There are also types of volunteering that span the formal-informal divide, for example, organising a street party for the Big Lunch or the Great Get Together. The COVID-19 crisis has seen the growth in mutual aid, a new type of volunteering that also spans the formal-informal categorisation. Here, groups of people have come together with the agreement to support each other, as well as to reach out and help vulnerable members of their local community. Analysis for the Social Integration APPG inquiry found that there were 2,773 COVID-19 mutual aid groups up and running by mid-April 2020.


Food bank volunteers (Picture: Walsall for All)

All types of volunteering can be important drivers of integration, as it can bring people of different backgrounds together. Policy has tended to focus on formal volunteering, but informal volunteering and mutual aid can also help build relationships of trust and reciprocity, turning strangers into friends.

The Social Integration APPG’s report is calling for action to build a legacy from today’s effort. While thousands of people came forward as NHS volunteers, many of these would-be volunteers have yet to be allocated tasks, leading to disappointment and potentially discouraging them from future volunteering. It became very clear that national and local charities often lacked the infrastructure to deal with large numbers of volunteers. A priority for action is for charities to review how they use and support volunteers.

If volunteering is something that helps build a more connected and integrated society, it is also important to increase volunteering among groups less likely to offer their time. Younger people, low-income groups and those who live in more deprived areas are much less likely to volunteer. The most recent Taking Part Survey (England) suggested that overall 29.6% of adults offered their time as formal or informal volunteers during the last 12 months, but this falls to 19.9% in the most deprived areas. A number of charities have called for practical action to increase formal and informal volunteering among young people and in deprived, high-churn neighbourhoods.

 Employer support for volunteering appears to have increased during this crisis.

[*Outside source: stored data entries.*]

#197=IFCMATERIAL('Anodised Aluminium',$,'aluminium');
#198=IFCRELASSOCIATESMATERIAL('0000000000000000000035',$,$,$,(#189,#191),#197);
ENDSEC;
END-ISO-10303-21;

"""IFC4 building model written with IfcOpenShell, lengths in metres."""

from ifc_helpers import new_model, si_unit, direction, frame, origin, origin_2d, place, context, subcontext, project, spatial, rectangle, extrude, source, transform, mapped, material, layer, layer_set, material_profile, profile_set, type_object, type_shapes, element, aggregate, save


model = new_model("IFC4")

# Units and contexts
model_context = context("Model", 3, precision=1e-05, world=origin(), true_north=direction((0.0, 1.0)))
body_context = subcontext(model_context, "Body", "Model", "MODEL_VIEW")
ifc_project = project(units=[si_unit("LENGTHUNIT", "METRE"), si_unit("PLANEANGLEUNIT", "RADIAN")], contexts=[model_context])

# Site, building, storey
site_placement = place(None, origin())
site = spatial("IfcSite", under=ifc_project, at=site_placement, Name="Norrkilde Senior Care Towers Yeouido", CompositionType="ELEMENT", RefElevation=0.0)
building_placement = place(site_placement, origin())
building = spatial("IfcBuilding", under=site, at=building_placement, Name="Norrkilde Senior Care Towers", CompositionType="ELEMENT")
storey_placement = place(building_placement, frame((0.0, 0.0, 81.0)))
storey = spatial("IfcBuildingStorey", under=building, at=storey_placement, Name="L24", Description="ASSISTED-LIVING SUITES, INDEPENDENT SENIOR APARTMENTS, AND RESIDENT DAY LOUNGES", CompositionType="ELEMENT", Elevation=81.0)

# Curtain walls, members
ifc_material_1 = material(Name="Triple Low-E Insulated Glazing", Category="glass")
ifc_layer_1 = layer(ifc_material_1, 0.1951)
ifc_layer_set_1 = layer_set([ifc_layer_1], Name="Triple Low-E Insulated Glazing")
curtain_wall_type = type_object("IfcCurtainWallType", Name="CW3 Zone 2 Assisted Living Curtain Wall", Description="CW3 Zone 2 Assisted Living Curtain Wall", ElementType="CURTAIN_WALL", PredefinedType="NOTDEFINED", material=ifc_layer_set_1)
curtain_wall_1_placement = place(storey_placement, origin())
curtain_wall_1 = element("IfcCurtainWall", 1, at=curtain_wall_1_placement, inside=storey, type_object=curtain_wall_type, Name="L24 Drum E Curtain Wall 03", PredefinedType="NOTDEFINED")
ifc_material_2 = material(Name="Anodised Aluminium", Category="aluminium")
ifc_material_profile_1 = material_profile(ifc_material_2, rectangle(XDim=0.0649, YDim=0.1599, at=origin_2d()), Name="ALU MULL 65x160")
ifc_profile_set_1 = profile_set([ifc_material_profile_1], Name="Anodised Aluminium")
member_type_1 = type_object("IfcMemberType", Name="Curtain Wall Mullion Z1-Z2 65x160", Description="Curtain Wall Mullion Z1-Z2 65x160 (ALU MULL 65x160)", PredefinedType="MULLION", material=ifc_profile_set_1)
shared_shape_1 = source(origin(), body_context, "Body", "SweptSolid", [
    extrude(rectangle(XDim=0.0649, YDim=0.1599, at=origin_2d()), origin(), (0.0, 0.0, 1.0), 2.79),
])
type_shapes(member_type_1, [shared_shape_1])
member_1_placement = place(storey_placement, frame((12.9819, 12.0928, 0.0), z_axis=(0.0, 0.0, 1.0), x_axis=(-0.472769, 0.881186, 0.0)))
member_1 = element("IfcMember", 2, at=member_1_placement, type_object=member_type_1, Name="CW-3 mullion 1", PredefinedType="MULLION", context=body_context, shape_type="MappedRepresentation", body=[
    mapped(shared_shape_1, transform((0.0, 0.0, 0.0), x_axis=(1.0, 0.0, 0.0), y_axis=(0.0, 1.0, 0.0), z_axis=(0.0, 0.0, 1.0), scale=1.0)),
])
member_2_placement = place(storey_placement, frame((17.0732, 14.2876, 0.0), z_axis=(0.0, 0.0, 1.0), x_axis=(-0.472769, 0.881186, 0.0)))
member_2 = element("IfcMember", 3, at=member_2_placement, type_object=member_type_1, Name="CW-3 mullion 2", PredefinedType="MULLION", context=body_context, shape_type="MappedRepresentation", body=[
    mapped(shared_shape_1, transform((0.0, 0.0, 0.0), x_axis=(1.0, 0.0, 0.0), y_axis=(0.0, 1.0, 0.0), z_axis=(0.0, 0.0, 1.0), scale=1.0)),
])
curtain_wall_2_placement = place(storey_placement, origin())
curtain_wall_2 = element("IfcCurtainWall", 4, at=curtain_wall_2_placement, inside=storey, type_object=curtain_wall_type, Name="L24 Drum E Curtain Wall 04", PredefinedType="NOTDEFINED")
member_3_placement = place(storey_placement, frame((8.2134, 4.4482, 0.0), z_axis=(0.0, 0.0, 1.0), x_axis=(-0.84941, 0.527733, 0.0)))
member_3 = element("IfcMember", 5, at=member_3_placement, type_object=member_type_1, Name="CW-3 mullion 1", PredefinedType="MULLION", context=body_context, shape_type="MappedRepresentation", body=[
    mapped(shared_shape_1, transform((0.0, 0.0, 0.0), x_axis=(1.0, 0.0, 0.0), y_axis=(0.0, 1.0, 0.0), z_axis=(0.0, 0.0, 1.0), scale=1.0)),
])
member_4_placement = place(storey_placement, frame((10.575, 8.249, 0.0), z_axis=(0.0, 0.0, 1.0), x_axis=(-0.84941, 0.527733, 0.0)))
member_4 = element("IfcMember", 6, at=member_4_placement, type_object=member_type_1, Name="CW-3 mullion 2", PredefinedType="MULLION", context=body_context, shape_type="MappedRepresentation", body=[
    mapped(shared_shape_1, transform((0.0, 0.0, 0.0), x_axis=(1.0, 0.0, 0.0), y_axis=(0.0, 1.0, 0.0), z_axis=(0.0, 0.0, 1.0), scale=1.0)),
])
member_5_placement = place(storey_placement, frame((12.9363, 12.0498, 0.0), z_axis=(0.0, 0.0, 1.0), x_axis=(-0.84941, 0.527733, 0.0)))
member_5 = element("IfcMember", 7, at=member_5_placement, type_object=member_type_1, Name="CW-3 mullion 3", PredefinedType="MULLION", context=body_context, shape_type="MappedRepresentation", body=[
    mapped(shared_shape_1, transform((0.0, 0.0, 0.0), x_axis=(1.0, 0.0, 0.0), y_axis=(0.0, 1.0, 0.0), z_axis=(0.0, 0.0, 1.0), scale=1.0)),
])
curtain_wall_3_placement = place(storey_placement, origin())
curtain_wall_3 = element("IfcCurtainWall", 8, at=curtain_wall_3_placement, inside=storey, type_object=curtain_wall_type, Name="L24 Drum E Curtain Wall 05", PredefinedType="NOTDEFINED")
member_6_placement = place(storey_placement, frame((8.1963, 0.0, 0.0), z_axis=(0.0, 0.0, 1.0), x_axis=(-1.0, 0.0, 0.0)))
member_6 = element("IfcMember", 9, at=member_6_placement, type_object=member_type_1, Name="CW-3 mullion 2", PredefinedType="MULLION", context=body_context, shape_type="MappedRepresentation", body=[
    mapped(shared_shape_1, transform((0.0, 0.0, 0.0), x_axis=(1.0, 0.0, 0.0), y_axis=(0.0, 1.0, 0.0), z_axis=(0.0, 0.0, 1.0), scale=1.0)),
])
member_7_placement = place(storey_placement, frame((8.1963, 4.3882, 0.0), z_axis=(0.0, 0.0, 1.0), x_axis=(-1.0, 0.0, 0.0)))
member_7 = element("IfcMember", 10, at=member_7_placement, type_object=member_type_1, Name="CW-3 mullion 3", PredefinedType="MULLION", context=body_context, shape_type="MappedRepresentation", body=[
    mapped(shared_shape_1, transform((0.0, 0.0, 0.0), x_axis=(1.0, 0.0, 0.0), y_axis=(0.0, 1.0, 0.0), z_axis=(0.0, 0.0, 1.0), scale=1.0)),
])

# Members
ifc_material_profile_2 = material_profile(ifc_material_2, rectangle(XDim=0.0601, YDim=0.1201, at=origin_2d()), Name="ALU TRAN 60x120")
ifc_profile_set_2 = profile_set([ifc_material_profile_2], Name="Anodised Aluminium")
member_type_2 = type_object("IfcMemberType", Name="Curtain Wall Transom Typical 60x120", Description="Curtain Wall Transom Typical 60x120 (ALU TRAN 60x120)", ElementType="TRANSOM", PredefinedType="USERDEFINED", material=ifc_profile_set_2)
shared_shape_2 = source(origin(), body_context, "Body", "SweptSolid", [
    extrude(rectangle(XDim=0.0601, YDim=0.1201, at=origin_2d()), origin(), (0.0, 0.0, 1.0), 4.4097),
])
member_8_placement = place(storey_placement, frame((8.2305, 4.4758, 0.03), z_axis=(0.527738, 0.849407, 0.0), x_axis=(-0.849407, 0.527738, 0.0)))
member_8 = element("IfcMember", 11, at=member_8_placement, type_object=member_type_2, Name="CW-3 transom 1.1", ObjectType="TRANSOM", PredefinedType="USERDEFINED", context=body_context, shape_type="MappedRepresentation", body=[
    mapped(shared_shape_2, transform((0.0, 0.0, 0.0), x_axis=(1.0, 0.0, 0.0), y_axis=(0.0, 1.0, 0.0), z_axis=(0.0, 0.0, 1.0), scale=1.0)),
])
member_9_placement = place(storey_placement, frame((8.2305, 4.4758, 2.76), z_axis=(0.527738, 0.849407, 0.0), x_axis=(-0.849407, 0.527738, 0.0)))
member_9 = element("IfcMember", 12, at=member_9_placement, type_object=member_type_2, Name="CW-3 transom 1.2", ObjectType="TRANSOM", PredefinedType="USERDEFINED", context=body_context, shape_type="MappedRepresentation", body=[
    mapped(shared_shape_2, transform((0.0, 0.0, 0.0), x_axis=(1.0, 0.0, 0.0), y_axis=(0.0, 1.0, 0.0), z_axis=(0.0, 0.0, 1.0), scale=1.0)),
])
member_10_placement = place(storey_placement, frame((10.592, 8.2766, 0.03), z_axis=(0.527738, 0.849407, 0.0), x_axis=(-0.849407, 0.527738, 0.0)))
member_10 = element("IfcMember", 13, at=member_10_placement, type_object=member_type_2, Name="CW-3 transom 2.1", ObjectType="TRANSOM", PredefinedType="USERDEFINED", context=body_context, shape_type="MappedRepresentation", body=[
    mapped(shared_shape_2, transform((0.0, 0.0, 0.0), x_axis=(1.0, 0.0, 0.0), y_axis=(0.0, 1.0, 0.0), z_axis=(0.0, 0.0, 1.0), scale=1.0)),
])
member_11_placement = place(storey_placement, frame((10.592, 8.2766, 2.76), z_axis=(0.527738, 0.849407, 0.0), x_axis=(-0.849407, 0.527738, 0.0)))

The Social Integration APPG heard many examples of employers who were encouraging volunteering and were supportive of flexible work arrangements to allow this to happen. Such initiatives had taken place in large organisations as well as in small and medium-sized enterprises (SMEs). It is hoped that such encouragement continues when life returns to normal as it is something that civil society organisations and groups such as the Scouts and Guides have long called for. A ‘passportable’ Disclosure and Barring Service system, enabling these checks to be undertaken once and then to cover volunteers for a fixed time period, is another policy change that could encourage more volunteering.

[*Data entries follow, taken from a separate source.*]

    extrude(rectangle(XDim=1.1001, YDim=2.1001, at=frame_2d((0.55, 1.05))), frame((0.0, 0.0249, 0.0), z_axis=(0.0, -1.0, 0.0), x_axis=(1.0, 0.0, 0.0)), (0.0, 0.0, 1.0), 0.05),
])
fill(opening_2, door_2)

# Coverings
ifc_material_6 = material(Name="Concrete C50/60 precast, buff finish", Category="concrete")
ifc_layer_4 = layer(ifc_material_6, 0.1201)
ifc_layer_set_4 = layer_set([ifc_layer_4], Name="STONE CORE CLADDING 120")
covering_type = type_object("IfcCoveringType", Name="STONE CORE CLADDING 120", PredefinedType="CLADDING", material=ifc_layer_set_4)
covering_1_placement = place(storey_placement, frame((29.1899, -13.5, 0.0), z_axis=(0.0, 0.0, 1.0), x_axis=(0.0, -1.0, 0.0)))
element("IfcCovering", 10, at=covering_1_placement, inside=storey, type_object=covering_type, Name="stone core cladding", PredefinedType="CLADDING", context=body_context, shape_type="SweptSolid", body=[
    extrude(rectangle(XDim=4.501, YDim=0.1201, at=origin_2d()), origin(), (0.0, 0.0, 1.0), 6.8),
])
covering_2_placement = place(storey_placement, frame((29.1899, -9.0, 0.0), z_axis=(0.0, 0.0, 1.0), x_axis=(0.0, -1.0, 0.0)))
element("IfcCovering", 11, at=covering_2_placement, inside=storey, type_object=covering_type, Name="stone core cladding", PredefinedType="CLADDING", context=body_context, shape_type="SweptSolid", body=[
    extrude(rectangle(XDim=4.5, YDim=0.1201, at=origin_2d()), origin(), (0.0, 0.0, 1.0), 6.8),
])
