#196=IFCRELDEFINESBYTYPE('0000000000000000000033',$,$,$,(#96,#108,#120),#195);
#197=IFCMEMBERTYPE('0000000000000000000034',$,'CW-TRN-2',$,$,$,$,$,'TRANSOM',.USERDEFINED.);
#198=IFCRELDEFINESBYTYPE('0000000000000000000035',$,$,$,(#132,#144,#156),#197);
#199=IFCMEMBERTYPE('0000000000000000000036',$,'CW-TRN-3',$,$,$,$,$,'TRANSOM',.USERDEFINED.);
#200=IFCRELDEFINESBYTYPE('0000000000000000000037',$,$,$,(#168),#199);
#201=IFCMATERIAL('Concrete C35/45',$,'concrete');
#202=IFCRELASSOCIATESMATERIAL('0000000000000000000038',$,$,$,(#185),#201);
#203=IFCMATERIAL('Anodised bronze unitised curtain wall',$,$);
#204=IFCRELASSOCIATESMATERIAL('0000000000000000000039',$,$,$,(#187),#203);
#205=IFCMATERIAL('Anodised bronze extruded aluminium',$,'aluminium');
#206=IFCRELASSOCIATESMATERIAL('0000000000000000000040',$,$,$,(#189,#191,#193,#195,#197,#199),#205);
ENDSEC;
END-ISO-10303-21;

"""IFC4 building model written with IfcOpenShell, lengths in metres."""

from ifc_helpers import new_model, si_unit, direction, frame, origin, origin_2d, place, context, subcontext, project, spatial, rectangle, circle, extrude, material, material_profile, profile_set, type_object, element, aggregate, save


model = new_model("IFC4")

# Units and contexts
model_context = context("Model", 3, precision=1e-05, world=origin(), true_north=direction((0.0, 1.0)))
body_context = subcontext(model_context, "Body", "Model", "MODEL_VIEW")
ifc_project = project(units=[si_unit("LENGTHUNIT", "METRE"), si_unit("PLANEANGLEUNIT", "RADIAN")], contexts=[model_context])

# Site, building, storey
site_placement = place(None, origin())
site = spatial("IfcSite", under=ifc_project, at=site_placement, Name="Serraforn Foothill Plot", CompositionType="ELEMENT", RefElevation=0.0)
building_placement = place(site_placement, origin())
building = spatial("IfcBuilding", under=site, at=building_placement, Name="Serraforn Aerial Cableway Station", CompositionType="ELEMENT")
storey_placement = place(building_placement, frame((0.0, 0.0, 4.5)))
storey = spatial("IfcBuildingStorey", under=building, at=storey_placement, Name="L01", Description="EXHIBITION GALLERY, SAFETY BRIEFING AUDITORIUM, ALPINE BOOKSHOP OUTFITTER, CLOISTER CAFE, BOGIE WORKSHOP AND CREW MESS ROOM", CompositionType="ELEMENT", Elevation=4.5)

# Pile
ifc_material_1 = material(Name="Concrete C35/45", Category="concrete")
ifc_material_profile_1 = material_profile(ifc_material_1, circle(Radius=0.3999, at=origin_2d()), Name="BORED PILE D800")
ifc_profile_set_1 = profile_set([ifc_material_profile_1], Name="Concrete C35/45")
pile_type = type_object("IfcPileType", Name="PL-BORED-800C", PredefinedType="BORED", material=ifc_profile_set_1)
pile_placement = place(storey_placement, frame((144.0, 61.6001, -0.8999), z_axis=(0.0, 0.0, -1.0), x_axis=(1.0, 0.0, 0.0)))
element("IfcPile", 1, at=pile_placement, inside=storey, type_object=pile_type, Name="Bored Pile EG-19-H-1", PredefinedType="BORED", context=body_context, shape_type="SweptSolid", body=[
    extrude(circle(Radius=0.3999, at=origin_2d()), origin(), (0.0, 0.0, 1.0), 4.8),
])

If volunteering is to help encourage integration, it is essential that organisations using volunteers consider social mixing. Volunteering can be a powerful tool to bring people of different backgrounds together, dispelling mistrust and misconceptions and so building more resilient and integrated communities. But this only happens if there is a social mix of volunteers, with young and old, different classes and ethnic and faith groups working together. There have been some wonderful examples of this taking place during the COVID-19 crisis, with faith groups and interfaith initiatives at the forefront of work to deliver practical support such as food deliveries.

Volunteering is an indicator of bonds of trust and a healthy social fabric in local communities. The absence of such groups can be an indicator of weaknesses in the social infrastructure. As this country emerges from this crisis, strengthening this social infrastructure needs to be prioritised. The Government, civil society, business and other institutions and indeed we as individuals will all need to play our part in making this happen.

Jill Rutter is Director of Strategy for British Future, the secretariat for the All Party Parliamentary Group on Social Integration. She volunteers at Lewisham Food Bank.